# Know your indicator - the CCI



## wayneL (28 April 2007)

*A boring afternoon while I wait for Missus to come home from work.

There has been some talk of indicator trading and enthusiasm for same, especially in the "Daytrading" thread where there has been an emphasis on the Commodity Channel Index (CCI). CCI has also been popularized by Ken Wood (Woodie) where he has developed non-traditional interpretations of CCI patterns. www.woodiescciclub.com 

I'm a big believer in "deconstructing" indicators to see what they are measuring, what they are REALLY saying about price movement so I thought I'd go through CCI first.

**********************

OK, building the indicator from scratch; let's say we are constructing a 20 day CCI. The first thing is the find the daily pivot point (i.e. (High + Low + Close)/3 ). Next we find the 20 day simple moving average of the daily pivot point. I'll plot these on a chart as we go along.


----------



## wayneL (28 April 2007)

*Re: Know your indicator- the CCI*

The next step is to create a simple oscillator from these two values. 

i.e. Pivot Point - 20 day MA of pivot point.

This simple measures the distance between the 2 values. Notice the correlation between the Values on the price chart and the oscillator.

In the osillator, the 20 day MA becomes the zero line. Notice when the PP on the price chart crosses the 20MA is when the oscillator crosses the zero line.

Apologies if this is a bit basic for some.


----------



## wayneL (28 April 2007)

The next step is to find the 20 day "Mean Deviation" of the stock price. This is a measure of volatility very similar to "Standard deviation".

We divide the oscillator value by the mean deviation to "correct" the oscillator to be relevant to current volatility. 

I have plotted both the mean deviation and the new oscillator on the chart.

Now we have the the precise shape of the CCI, just one more step and we're done.


----------



## wayneL (28 April 2007)

The last step is to index the CCI.

Lambert, (the creator of the CCI) wanted the values to be between 100 and -100 70% of the time, so he divided the oscillator value by 0.015 to achieve this aim.

We can plot the 100 & -100 lines on the oscillator for reference.

Now we have the finished CCI


----------



## wayneL (28 April 2007)

One can also get a make more of the CCI. 

*Plot 200 and -200 for extreme readings.

*Include a histogram to make it more visually interesting and useful(?)

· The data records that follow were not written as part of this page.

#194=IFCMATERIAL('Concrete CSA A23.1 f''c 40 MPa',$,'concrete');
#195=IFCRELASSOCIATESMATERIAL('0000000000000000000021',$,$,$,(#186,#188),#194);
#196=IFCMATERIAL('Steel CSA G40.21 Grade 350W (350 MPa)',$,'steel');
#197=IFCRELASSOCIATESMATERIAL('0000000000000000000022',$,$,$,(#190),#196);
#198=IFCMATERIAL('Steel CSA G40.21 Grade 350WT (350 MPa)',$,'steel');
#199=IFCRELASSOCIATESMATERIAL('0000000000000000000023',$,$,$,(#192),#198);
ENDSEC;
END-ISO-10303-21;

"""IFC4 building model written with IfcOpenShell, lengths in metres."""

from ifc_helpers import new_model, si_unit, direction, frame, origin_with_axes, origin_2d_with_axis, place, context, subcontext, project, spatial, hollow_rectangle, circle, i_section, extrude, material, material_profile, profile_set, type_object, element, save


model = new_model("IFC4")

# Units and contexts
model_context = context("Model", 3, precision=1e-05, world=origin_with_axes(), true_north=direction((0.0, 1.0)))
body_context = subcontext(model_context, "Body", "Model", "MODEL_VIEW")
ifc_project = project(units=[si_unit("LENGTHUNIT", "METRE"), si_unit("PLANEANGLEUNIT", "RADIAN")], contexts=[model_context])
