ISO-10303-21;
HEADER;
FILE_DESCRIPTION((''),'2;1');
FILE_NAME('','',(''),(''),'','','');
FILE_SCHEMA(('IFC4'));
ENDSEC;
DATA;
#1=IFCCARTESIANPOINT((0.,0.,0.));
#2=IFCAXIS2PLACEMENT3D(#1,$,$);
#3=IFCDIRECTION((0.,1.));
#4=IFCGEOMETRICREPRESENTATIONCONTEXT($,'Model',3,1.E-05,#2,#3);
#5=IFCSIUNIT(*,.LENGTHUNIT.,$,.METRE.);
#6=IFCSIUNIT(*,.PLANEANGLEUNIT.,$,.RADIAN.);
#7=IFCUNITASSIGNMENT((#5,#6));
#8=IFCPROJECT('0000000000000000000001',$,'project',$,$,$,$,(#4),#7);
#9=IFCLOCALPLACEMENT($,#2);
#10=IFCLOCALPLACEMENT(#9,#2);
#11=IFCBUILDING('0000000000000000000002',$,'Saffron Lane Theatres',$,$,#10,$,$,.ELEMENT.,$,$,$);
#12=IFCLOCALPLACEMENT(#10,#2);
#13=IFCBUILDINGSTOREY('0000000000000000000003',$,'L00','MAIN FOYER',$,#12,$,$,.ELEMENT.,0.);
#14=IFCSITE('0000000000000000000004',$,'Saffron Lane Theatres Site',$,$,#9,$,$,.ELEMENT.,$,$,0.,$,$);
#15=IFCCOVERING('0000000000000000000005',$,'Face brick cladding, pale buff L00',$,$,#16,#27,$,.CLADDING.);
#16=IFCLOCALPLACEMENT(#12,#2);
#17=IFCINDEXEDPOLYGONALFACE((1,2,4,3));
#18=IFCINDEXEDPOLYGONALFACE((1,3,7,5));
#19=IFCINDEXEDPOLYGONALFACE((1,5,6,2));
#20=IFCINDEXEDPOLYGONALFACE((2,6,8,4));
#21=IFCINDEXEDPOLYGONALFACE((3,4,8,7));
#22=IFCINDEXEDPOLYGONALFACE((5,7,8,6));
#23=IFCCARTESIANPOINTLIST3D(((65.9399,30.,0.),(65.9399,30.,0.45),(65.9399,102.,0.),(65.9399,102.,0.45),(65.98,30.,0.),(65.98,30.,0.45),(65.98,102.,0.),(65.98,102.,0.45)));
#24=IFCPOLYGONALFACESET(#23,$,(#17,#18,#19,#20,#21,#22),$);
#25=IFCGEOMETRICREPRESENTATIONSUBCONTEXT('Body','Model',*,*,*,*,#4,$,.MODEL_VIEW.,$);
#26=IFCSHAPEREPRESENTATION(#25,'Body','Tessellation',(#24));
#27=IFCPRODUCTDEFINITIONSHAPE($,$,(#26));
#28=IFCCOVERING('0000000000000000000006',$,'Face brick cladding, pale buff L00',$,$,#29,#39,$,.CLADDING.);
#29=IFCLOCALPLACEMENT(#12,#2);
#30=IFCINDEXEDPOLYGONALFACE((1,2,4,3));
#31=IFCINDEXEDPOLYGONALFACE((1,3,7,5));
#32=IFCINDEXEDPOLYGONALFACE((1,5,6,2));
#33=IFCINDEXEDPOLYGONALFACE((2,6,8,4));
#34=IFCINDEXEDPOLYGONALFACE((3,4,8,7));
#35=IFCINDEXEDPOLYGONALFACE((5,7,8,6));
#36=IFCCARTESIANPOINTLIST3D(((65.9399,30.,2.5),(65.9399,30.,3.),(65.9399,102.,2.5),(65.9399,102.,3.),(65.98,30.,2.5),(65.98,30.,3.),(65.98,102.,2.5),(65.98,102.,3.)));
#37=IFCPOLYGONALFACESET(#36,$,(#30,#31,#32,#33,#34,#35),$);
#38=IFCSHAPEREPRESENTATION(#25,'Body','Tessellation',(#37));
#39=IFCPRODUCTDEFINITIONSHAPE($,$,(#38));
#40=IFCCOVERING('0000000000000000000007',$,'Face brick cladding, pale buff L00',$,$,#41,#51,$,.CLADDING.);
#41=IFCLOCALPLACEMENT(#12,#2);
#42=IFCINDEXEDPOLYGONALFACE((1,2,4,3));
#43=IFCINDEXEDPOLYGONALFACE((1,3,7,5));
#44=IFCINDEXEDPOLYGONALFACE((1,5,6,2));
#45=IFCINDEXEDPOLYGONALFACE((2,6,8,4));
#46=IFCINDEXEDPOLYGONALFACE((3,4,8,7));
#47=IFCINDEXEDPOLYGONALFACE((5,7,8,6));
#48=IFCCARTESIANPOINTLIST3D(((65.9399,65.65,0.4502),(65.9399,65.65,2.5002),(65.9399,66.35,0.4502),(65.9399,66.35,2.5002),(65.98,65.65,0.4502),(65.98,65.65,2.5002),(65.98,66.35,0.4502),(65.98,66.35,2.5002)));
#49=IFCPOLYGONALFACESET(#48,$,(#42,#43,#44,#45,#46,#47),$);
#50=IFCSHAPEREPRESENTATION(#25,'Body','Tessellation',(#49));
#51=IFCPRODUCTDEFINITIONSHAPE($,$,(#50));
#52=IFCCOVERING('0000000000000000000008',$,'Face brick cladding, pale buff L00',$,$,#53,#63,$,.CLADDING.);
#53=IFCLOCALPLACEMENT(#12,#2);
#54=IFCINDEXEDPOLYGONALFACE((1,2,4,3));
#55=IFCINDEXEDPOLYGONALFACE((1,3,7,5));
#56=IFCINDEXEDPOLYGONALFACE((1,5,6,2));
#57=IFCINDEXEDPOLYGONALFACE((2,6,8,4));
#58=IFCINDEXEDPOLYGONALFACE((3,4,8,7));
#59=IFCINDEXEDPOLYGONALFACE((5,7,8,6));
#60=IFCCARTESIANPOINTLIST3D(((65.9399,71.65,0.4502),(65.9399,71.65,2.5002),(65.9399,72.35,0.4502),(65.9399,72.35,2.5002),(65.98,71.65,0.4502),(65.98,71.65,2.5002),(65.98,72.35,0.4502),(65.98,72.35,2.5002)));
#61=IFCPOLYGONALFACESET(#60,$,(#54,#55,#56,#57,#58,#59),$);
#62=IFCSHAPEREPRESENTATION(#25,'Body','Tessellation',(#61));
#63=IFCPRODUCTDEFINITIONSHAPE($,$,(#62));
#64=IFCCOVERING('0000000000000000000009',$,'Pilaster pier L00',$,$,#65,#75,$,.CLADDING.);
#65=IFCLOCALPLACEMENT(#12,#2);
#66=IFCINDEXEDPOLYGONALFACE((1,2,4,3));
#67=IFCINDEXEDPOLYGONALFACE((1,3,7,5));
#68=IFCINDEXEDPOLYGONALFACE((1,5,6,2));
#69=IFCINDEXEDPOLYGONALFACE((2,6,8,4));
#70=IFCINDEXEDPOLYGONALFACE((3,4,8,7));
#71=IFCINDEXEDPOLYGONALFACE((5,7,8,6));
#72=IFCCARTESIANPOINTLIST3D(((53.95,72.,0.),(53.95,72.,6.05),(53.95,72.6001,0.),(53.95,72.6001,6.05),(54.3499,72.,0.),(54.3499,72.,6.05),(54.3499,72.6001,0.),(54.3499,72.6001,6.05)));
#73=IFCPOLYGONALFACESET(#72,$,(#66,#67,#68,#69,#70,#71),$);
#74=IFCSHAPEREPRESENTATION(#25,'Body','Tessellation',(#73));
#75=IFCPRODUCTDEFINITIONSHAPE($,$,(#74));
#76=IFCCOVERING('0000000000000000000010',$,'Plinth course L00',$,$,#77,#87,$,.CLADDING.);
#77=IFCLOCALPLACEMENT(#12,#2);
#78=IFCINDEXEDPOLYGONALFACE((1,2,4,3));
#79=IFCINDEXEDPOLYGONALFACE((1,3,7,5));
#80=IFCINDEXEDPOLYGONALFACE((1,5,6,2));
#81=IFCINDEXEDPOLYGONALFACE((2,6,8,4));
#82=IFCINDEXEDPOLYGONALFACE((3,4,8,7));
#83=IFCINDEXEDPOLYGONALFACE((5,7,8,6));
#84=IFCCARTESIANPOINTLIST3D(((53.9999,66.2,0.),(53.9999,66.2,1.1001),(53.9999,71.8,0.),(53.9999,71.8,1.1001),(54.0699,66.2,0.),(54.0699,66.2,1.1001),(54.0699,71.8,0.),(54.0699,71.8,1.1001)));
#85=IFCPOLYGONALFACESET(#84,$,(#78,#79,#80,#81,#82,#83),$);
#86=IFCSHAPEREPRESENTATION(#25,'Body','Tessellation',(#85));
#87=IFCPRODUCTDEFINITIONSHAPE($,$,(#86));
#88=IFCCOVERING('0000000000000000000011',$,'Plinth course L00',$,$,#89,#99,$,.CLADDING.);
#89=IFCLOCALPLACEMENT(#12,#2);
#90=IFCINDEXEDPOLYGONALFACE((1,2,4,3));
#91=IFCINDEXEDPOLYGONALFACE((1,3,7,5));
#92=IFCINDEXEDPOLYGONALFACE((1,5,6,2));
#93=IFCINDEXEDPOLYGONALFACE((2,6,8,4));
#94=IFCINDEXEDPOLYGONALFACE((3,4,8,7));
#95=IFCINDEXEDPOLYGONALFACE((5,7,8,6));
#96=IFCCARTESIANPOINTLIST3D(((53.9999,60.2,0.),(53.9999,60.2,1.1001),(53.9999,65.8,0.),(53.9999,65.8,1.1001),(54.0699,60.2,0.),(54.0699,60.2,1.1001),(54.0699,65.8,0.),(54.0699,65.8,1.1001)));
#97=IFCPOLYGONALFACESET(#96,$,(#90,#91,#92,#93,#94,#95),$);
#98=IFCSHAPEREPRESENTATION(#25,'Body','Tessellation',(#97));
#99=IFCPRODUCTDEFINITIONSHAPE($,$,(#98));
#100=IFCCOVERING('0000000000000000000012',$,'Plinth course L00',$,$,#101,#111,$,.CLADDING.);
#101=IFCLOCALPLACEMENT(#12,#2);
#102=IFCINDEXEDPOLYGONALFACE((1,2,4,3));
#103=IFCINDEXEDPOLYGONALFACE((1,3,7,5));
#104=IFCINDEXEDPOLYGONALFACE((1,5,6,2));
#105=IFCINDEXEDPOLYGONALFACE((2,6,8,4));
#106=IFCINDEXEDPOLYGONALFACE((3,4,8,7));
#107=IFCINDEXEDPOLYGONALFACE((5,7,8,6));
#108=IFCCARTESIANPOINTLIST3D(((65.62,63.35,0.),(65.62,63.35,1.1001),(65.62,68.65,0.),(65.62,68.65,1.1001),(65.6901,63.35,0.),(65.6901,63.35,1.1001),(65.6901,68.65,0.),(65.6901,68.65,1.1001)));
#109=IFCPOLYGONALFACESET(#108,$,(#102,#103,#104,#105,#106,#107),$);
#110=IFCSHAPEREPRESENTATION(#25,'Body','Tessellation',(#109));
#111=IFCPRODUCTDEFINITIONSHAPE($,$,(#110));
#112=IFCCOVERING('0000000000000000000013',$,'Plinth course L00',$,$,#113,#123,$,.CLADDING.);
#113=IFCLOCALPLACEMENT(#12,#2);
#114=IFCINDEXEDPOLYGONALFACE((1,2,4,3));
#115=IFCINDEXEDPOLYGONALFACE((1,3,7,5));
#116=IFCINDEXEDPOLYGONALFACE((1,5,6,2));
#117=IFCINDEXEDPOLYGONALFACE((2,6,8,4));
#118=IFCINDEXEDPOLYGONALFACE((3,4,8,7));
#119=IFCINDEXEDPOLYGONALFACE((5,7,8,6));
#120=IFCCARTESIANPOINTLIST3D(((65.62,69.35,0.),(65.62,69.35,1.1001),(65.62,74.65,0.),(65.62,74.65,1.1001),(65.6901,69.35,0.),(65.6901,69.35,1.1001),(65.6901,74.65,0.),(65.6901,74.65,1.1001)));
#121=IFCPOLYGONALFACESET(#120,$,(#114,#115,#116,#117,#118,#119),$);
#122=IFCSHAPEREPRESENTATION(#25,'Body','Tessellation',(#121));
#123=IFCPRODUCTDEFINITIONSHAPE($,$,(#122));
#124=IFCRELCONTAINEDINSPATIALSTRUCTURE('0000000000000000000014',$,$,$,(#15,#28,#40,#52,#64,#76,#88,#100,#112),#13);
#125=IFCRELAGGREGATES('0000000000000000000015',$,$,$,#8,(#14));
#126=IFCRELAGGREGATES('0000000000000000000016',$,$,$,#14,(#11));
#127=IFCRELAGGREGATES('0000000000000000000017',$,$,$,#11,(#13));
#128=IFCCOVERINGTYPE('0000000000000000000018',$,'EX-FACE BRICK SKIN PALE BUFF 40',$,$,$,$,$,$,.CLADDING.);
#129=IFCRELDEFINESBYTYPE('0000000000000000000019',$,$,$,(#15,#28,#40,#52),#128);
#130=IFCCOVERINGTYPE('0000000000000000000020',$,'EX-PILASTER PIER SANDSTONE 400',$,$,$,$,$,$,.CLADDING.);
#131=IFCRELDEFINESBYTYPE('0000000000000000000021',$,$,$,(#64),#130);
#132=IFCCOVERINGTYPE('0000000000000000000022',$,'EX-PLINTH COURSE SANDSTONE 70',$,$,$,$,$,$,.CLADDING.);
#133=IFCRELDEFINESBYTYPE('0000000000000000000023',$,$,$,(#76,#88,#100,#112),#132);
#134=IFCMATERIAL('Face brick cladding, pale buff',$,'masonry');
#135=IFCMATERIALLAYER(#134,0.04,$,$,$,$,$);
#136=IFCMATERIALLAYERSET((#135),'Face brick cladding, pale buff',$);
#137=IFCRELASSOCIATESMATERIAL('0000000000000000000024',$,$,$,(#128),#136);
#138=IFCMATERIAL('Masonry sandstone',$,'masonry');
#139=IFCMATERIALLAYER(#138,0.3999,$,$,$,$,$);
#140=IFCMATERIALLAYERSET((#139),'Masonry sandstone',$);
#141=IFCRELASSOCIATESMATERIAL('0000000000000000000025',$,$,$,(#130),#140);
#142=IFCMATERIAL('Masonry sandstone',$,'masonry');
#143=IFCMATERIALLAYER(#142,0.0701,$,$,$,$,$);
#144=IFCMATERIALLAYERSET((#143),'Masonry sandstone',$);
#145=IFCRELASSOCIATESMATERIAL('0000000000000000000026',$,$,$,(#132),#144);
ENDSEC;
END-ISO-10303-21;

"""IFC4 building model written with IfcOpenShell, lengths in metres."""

from ifc_helpers import new_model, si_unit, direction, frame, origin, origin_2d, place, context, subcontext, project, spatial, rectangle, extrude, material, layer, layer_set, type_object, element, save


model = new_model("IFC4")

# Units and contexts
model_context = context("Model", 3, precision=1e-05, world=origin(), true_north=direction((0.0, 1.0)))
body_context = subcontext(model_context, "Body", "Model", "MODEL_VIEW")
ifc_project = project(units=[si_unit("LENGTHUNIT", "METRE"), si_unit("PLANEANGLEUNIT", "RADIAN")], contexts=[model_context])

# Site, building, storey
site_placement = place(None, origin())
site = spatial("IfcSite", under=ifc_project, at=site_placement, Name="Saffron Lane Theatres Site", CompositionType="ELEMENT", RefElevation=0.0)
building_placement = place(site_placement, origin())
building = spatial("IfcBuilding", under=site, at=building_placement, Name="Saffron Lane Theatres", CompositionType="ELEMENT")
storey_placement = place(building_placement, origin())
storey = spatial("IfcBuildingStorey", under=building, at=storey_placement, Name="L00", Description="MAIN FOYER", CompositionType="ELEMENT", Elevation=0.0)

# Coverings
ifc_material_1 = material(Name="Face brick cladding, pale buff", Category="masonry")
ifc_layer_1 = layer(ifc_material_1, 0.04)
ifc_layer_set_1 = layer_set([ifc_layer_1], Name="Face brick cladding, pale buff")
covering_type_1 = type_object("IfcCoveringType", Name="EX-FACE BRICK SKIN PALE BUFF 40", PredefinedType="CLADDING", material=ifc_layer_set_1)
covering_1_placement = place(storey_placement, frame((65.96, 66.0, 0.0), z_axis=(0.0, 0.0, 1.0), x_axis=(0.0, 1.0, 0.0)))
element("IfcCovering", 1, at=covering_1_placement, inside=storey, type_object=covering_type_1, Name="Face brick cladding, pale buff L00", PredefinedType="CLADDING", context=body_context, shape_type="SweptSolid", body=[
    extrude(rectangle(XDim=72.0, YDim=0.04, at=origin_2d()), origin(), (0.0, 0.0, 1.0), 0.45),
])
covering_2_placement = place(storey_placement, frame((65.96, 66.0, 2.5), z_axis=(0.0, 0.0, 1.0), x_axis=(0.0, 1.0, 0.0)))
element("IfcCovering", 2, at=covering_2_placement, inside=storey, type_object=covering_type_1, Name="Face brick cladding, pale buff L00", PredefinedType="CLADDING", context=body_context, shape_type="SweptSolid", body=[
    extrude(rectangle(XDim=72.0, YDim=0.04, at=origin_2d()), origin(), (0.0, 0.0, 1.0), 0.5),
])
for number, where, z_axis, x_axis, name in (
    (3, (65.96, 66.0, 0.4502), (0.0, 0.0, 1.0), (0.0, 1.0, 0.0), "Face brick cladding, pale buff L00"),
    (4, (65.96, 72.0, 0.4502), (0.0, 0.0, 1.0), (0.0, 1.0, 0.0), "Face brick cladding, pale buff L00"),
):
    element("IfcCovering", number, at=place(storey_placement, frame(where, z_axis=z_axis, x_axis=x_axis)), inside=storey, type_object=covering_type_1, Name=name, PredefinedType="CLADDING", context=body_context, shape_type="SweptSolid", body=[
        extrude(rectangle(XDim=0.7, YDim=0.04, at=origin_2d()), origin(), (0.0, 0.0, 1.0), 2.05),
    ])
ifc_material_2 = material(Name="Masonry sandstone", Category="masonry")
ifc_layer_2 = layer(ifc_material_2, 0.3999)
ifc_layer_set_2 = layer_set([ifc_layer_2], Name="Masonry sandstone")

*Plus a few other ideas as per Woodies CCi Club

The interesting thing for me is that going through this process actually make me LESS likely to even look at the indicator.

Why? 
1/ I know what it's measuring, so know what it is going to look like before even looking at it
2/ The raw price tell me what the CCI is measuring first, so why refer to the CCI?

Even so, I will look at it the odd time for reasons stated elsewhere.

There have been discussions for it's use elsewhere, but I'm sure others would like to show how they use it here as well.

Cheers


----------



## wayneL (28 April 2007)

Here is a link to Woodies CCI patterns FWIW.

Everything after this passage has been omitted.